Since joining the Centre, I have focussed on the threat to Scottish forestry from wood borer insects, specifically, a notorious pest of Common Ash – the Emerald Ash Borer. Wood borer insects are mostly beetles that bore underneath the bark of a tree to lay their eggs. When the eggs hatch into larvae they feast on the sap-transporting wood underneath called phloem. Upon reaching maturity the larvae conduct metamorphosis into their adult beetle form and break free from their tree nurseries to breed and continue the life cycle. It is the larvae that cause problems for forestry and the tree they infest.

To better understand how we can model wood borer attacks and their consequences, I conducted a review of the mathematical modelling literature to determine how the dynamics of these insects are modelled. From this I was able to identify the different methods to model wood borer outbreaks, what data is required to model them, the different focuses of research on the impacts of wood borer attack, and where the research is limited. Taking the time to review the scientific literature is an important cornerstone in the research process by finding out what other researchers have uncovered before you.

Through this review I was able to identify modelling methods to assess the threat to Scotland’s Ash from the Emerald Ash Borer. This particular pest has caused an estimated USD$10-12 million worth of damage in the USA over the course of 2010-2020. It was first detected in the state of Michigan in 2002 and has spread as far south as Texas, all the way to the east coast, north into Canada, and isolated cases in Colorado. It is native to Eastern Asia where it is not considered a pest since its Ash hosts have coevolved defences alongside the borer. However, the Ash within the USA has no natural defences and has been susceptible to sustained attacks that often prove fatal for the Ash tree. The native Common Ash in Scotland, similarly, has no defences to Emerald Ash Borer, so the alert level for this would-be invader is high – especially since it was discovered in Moscow, Russia, which is much closer than the USA or East Asia.

I have been attempting to determine if Emerald Ash Borer can viably persist in Scotland, which is a difficult task considering that there is no data about it here in Scotland. To address this issue, I have been working to determine if the climate of Scotland is suitable for Emerald Ash Borer based on the other locations where it is present (North America, East Asia, European Russia) and the associated climate there. This is the only approach open to us currently since it has not yet arrived.

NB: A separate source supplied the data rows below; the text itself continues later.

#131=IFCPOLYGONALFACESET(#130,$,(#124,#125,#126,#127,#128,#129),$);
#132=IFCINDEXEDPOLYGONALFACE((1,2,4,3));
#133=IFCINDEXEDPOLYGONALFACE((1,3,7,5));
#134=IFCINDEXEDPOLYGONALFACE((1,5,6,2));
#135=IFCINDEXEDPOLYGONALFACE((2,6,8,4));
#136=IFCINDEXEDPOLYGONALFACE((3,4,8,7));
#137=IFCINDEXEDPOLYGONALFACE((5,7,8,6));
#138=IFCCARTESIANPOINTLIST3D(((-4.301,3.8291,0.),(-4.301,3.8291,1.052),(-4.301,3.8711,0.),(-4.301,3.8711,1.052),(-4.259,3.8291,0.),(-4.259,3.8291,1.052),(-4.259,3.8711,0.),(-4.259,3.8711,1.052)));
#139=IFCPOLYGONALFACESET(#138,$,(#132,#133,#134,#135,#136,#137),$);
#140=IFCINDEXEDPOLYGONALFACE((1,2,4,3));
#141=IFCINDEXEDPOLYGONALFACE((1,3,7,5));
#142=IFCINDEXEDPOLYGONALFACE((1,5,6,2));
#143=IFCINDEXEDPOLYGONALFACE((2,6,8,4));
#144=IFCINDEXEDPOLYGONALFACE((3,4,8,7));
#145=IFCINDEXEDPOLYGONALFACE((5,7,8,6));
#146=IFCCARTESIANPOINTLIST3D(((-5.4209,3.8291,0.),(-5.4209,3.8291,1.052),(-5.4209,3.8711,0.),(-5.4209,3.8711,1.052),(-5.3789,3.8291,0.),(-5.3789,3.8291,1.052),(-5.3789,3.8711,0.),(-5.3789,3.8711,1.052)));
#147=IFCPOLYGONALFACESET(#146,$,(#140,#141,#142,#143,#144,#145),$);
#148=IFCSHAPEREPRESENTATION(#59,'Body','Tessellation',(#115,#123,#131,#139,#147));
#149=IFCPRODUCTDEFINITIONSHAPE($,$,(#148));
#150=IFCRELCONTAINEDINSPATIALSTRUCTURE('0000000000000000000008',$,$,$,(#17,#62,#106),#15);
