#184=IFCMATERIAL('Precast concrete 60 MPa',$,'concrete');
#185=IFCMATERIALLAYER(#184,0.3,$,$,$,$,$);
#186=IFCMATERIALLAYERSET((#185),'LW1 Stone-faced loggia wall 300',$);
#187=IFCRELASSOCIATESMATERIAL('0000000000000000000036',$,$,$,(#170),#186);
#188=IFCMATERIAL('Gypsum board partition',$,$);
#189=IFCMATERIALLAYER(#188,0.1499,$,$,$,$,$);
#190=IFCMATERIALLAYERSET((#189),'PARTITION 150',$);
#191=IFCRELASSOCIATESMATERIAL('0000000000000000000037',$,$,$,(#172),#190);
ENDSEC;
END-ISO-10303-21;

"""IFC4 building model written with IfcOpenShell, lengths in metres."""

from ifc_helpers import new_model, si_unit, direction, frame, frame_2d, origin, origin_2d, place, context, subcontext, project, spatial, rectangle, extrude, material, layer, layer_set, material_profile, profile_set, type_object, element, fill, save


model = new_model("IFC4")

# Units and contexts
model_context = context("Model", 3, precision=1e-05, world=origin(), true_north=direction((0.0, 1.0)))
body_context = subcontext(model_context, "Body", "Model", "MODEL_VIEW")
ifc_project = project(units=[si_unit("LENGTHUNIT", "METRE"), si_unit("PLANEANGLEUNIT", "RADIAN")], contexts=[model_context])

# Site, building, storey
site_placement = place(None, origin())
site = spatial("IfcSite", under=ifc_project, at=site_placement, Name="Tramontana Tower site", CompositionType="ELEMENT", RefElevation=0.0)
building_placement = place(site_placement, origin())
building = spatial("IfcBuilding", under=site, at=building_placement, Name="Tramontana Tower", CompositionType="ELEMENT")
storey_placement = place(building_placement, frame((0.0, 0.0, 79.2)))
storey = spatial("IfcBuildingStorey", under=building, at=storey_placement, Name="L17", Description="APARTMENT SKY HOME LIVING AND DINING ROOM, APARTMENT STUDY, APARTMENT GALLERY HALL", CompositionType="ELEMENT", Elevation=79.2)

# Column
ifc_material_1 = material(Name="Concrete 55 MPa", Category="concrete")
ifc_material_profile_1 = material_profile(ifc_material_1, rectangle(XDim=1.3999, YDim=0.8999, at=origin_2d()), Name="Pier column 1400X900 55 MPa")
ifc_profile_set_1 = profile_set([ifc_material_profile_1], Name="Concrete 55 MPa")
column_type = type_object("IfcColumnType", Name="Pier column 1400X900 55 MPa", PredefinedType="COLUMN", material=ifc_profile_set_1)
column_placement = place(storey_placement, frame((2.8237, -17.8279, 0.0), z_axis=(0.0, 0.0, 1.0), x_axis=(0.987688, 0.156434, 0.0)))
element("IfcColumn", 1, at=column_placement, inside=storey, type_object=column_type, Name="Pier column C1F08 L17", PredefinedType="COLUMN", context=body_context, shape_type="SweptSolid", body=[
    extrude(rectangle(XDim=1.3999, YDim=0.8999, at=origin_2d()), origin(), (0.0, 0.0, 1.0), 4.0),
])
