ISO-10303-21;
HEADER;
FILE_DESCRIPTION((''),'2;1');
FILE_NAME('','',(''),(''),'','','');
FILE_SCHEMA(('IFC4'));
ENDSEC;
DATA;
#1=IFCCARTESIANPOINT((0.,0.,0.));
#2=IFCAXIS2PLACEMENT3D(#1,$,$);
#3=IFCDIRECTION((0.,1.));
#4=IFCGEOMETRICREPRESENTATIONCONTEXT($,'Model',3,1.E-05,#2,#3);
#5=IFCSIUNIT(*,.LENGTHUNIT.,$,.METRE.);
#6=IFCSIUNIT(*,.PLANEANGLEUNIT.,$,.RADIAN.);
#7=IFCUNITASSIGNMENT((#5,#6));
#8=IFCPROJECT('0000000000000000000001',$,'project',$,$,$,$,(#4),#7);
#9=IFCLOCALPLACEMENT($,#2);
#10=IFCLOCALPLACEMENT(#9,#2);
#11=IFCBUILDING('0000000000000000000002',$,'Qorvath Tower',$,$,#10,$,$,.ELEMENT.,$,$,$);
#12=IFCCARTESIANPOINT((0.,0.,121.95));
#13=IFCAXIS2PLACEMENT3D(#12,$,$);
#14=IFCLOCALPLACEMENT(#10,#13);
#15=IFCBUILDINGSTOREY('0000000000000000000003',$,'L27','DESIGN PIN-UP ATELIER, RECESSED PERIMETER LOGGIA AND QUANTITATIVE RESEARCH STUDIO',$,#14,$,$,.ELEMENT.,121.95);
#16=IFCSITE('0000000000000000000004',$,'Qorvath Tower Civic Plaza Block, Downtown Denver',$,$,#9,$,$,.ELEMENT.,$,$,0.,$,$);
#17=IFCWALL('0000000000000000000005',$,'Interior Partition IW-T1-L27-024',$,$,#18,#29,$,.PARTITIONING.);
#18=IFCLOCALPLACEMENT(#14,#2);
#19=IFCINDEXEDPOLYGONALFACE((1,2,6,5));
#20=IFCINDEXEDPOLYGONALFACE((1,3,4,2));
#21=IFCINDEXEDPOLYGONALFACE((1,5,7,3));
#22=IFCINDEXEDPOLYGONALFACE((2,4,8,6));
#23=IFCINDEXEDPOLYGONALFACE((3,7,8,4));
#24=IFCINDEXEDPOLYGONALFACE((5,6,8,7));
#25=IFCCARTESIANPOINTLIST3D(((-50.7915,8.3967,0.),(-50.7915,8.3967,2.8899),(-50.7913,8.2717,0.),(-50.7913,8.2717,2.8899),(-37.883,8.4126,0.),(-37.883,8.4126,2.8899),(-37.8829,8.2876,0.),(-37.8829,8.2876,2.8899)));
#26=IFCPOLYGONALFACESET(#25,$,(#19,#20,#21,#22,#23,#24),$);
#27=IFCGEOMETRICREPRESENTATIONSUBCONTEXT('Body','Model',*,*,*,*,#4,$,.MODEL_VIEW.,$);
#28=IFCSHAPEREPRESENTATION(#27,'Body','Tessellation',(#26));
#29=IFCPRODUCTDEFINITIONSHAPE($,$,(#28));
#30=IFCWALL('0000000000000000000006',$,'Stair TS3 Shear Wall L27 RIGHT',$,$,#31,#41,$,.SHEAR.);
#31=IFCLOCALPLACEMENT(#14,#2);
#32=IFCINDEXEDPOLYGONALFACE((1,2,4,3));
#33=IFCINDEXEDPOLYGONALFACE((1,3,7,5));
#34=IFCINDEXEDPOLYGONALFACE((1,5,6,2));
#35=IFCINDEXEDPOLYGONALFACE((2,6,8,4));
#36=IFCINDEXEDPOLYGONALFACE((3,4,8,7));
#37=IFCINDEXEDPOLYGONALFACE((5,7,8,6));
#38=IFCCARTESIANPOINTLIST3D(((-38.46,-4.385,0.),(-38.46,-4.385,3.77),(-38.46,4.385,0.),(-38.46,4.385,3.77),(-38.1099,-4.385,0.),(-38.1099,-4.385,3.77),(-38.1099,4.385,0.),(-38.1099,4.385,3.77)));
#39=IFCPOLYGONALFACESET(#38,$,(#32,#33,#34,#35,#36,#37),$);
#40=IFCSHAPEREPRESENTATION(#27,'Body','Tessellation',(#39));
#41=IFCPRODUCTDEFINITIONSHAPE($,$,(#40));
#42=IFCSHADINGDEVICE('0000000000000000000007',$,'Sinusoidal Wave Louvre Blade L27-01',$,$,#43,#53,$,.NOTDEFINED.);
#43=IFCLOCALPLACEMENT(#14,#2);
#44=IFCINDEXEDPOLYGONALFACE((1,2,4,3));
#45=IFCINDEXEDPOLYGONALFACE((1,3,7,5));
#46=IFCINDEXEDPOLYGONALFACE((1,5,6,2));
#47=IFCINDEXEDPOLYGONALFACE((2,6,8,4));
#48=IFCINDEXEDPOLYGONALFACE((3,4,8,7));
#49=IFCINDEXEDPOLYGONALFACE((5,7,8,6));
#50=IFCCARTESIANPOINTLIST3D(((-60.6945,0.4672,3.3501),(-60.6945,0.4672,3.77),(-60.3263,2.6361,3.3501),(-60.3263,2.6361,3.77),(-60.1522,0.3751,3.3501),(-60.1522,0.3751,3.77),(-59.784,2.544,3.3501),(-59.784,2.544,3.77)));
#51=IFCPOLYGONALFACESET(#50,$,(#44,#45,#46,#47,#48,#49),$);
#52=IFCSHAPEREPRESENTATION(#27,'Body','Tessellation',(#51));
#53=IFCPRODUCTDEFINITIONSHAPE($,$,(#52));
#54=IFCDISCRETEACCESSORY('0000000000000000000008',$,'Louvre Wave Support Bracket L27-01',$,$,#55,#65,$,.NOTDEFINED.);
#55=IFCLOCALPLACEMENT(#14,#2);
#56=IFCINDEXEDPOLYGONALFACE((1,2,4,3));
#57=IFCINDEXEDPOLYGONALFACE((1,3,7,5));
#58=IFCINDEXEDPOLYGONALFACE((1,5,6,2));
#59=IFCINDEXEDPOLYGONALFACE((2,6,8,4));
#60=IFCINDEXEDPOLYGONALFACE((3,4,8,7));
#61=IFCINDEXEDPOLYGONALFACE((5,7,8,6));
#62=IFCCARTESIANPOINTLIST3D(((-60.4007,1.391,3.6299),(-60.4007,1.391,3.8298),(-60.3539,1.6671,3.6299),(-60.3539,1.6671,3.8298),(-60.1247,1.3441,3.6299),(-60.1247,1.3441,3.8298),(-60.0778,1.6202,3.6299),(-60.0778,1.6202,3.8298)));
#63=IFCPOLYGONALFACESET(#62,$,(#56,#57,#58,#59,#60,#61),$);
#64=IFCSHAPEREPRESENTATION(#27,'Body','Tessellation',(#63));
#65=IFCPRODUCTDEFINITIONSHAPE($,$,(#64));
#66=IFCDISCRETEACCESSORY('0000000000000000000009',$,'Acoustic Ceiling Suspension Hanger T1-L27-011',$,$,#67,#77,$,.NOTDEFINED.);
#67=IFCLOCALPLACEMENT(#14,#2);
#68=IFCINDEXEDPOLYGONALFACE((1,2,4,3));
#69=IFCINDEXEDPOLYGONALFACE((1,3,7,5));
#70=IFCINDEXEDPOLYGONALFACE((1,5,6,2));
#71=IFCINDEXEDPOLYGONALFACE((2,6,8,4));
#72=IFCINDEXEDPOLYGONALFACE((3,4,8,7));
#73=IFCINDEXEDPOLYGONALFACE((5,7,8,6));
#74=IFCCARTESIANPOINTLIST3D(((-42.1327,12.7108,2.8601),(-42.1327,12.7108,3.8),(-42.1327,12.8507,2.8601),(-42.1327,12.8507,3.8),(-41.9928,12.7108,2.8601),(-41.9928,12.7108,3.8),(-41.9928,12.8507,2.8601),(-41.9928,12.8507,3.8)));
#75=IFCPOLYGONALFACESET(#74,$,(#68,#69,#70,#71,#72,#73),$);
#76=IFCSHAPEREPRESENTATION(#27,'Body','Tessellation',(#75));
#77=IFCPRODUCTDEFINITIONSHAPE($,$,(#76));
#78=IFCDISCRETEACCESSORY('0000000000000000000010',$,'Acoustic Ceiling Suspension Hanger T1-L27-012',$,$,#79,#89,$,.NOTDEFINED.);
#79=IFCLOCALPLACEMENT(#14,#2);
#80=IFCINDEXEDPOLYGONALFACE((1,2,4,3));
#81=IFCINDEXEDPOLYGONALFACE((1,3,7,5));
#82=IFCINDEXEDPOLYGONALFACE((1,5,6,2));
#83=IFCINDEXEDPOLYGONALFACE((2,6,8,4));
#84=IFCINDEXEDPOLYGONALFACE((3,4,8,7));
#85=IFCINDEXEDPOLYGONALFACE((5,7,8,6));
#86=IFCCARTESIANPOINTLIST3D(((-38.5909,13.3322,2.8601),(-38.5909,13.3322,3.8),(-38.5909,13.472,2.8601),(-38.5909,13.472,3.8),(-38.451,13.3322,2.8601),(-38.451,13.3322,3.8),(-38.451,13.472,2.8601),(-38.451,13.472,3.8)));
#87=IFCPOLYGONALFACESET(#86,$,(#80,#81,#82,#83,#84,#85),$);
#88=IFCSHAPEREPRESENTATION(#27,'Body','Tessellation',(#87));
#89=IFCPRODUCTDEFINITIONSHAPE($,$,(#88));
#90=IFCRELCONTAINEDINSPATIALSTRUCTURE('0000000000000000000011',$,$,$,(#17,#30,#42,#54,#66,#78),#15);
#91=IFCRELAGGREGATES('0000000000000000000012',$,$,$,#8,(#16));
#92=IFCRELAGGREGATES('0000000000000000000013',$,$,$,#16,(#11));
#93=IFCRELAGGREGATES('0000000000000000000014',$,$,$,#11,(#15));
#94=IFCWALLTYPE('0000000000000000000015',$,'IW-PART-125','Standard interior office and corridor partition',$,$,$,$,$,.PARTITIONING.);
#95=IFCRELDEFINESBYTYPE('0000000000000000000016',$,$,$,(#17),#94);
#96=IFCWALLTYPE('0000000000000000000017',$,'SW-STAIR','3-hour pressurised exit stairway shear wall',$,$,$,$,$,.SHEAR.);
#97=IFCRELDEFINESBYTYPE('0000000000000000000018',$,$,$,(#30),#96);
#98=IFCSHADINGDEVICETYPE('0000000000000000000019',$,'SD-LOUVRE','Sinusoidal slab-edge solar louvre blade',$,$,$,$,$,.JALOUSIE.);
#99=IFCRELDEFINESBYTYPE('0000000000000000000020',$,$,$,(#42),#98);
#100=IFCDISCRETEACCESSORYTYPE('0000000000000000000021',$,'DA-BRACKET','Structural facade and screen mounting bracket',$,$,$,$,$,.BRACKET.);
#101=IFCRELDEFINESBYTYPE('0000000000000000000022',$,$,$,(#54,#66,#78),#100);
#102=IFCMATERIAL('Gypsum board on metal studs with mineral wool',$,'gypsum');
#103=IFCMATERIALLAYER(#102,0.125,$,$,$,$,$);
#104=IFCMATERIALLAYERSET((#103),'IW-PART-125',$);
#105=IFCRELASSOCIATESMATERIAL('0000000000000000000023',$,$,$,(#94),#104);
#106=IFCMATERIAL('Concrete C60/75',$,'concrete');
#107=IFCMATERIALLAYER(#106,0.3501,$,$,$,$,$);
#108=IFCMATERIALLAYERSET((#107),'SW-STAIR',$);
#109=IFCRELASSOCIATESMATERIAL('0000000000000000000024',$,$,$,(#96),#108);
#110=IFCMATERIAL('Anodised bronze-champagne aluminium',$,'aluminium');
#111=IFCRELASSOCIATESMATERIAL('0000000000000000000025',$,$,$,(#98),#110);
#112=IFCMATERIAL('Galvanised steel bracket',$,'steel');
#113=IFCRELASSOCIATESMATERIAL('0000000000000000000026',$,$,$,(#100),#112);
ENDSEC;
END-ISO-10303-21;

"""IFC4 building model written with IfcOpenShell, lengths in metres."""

from ifc_helpers import new_model, si_unit, direction, frame, frame_2d, origin, origin_2d, place, context, subcontext, project, spatial, rectangle, extrude, material, layer, layer_set, type_object, element, save


model = new_model("IFC4")

# Units and contexts
model_context = context("Model", 3, precision=1e-05, world=origin(), true_north=direction((0.0, 1.0)))
body_context = subcontext(model_context, "Body", "Model", "MODEL_VIEW")
ifc_project = project(units=[si_unit("LENGTHUNIT", "METRE"), si_unit("PLANEANGLEUNIT", "RADIAN")], contexts=[model_context])

# Site, building, storey
site_placement = place(None, origin())
site = spatial("IfcSite", under=ifc_project, at=site_placement, Name="Qorvath Tower Civic Plaza Block, Downtown Denver", CompositionType="ELEMENT", RefElevation=0.0)
building_placement = place(site_placement, origin())
building = spatial("IfcBuilding", under=site, at=building_placement, Name="Qorvath Tower", CompositionType="ELEMENT")
storey_placement = place(building_placement, frame((0.0, 0.0, 121.95)))
storey = spatial("IfcBuildingStorey", under=building, at=storey_placement, Name="L27", Description="DESIGN PIN-UP ATELIER, RECESSED PERIMETER LOGGIA AND QUANTITATIVE RESEARCH STUDIO", CompositionType="ELEMENT", Elevation=121.95)

# Walls
ifc_material_1 = material(Name="Gypsum board on metal studs with mineral wool", Category="gypsum")
ifc_layer_1 = layer(ifc_material_1, 0.125)
ifc_layer_set_1 = layer_set([ifc_layer_1], Name="IW-PART-125")
wall_type_1 = type_object("IfcWallType", Name="IW-PART-125", Description="Standard interior office and corridor partition", PredefinedType="PARTITIONING", material=ifc_layer_set_1)
wall_1_placement = place(storey_placement, frame((-50.7913, 8.3342, 0.0), z_axis=(0.0, 0.0, 1.0), x_axis=(0.999999, 0.001229, 0.0)))
element("IfcWall", 1, at=wall_1_placement, inside=storey, type_object=wall_type_1, Name="Interior Partition IW-T1-L27-024", PredefinedType="PARTITIONING", context=body_context, shape_type="SweptSolid", body=[
    extrude(rectangle(XDim=12.9084, YDim=0.125, at=frame_2d((6.4541, 0.0))), origin(), (0.0, 0.0, 1.0), 2.8899),
])
ifc_material_2 = material(Name="Concrete C60/75", Category="concrete")
ifc_layer_2 = layer(ifc_material_2, 0.3501)
ifc_layer_set_2 = layer_set([ifc_layer_2], Name="SW-STAIR")
wall_type_2 = type_object("IfcWallType", Name="SW-STAIR", Description="3-hour pressurised exit stairway shear wall", PredefinedType="SHEAR", material=ifc_layer_set_2)
wall_2_placement = place(storey_placement, frame((-38.2849, 4.385, 0.0), z_axis=(0.0, 0.0, 1.0), x_axis=(0.0, -1.0, 0.0)))
element("IfcWall", 2, at=wall_2_placement, inside=storey, type_object=wall_type_2, Name="Stair TS3 Shear Wall L27 RIGHT", PredefinedType="SHEAR", context=body_context, shape_type="SweptSolid", body=[
    extrude(rectangle(XDim=8.77, YDim=0.3501, at=frame_2d((4.385, 0.0))), origin(), (0.0, 0.0, 1.0), 3.77),
])

# Shading device
ifc_material_3 = material(Name="Anodised bronze-champagne aluminium", Category="aluminium")
shading_device_type = type_object("IfcShadingDeviceType", Name="SD-LOUVRE", Description="Sinusoidal slab-edge solar louvre blade", PredefinedType="JALOUSIE", material=ifc_material_3)
shading_device_placement = place(storey_placement, frame((-60.2393, 1.5056, 3.3501), z_axis=(0.0, 0.0, 1.0), x_axis=(-0.167371, -0.985894, 0.0)))
element("IfcShadingDevice", 3, at=shading_device_placement, inside=storey, type_object=shading_device_type, Name="Sinusoidal Wave Louvre Blade L27-01", PredefinedType="NOTDEFINED", context=body_context, shape_type="SweptSolid", body=[
    extrude(rectangle(XDim=2.2, YDim=0.55, at=origin_2d()), origin(), (0.0, 0.0, 1.0), 0.4199),
])

# Discrete accessories
ifc_material_4 = material(Name="Galvanised steel bracket", Category="steel")
discrete_accessory_type = type_object("IfcDiscreteAccessoryType", Name="DA-BRACKET", Description="Structural facade and screen mounting bracket", PredefinedType="BRACKET", material=ifc_material_4)
discrete_accessory_placement = place(storey_placement, frame((-60.2393, 1.5056, 3.6299), z_axis=(0.0, 0.0, 1.0), x_axis=(-0.167371, -0.985894, 0.0)))
element("IfcDiscreteAccessory", 4, at=discrete_accessory_placement, inside=storey, type_object=discrete_accessory_type, Name="Louvre Wave Support Bracket L27-01", PredefinedType="NOTDEFINED", context=body_context, shape_type="SweptSolid", body=[
    extrude(rectangle(XDim=0.28, YDim=0.28, at=origin_2d()), origin(), (0.0, 0.0, 1.0), 0.2),
])
for number, where, z_axis, x_axis, name in (
    (5, (-42.0627, 12.7808, 2.8601), (0.0, 0.0, 1.0), (1.0, 0.0, 0.0), "Acoustic Ceiling Suspension Hanger T1-L27-011"),
    (6, (-38.521, 13.4021, 2.8601), (0.0, 0.0, 1.0), (1.0, 0.0, 0.0), "Acoustic Ceiling Suspension Hanger T1-L27-012"),
):
    element("IfcDiscreteAccessory", number, at=place(storey_placement, frame(where, z_axis=z_axis, x_axis=x_axis)), inside=storey, type_object=discrete_accessory_type, Name=name, PredefinedType="NOTDEFINED", context=body_context, shape_type="SweptSolid", body=[
        extrude(rectangle(XDim=0.1399, YDim=0.1399, at=origin_2d()), origin(), (0.0, 0.0, 1.0), 0.9399),
    ])

save(model, "model.ifc")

We must therefore be careful with our interpretations, especially since we will be providing the Scottish Government with advice about mitigation of Emerald Ash Borer. By providing guidance on the climatic suitability of Emerald Ash Borer for Scotland we are addressing two of the key principles to minimise plant health risks in Scotland: plan now for future challenges; and embed plant health in policies and practices.

We are continuing to develop more effective models for investigating spread of pest species more generally, as opposed to tackling each pest individually. There are so many potential pests that it is impossible to account for them all. However, if we can identify what is common among invading pests then we can develop a toolkit that can address a wide range of pest problems. Creating general models to use on any invading species or disease is a huge challenge due to each pest/disease interacting differently with our local fauna and climate. I really think that tackling problems in this way is a priority since invasions by novel pathogens and pests is predicted to increase in the future. We can then use these models to test potential threats so that we can best preserve Scotland from potentially destructive pests.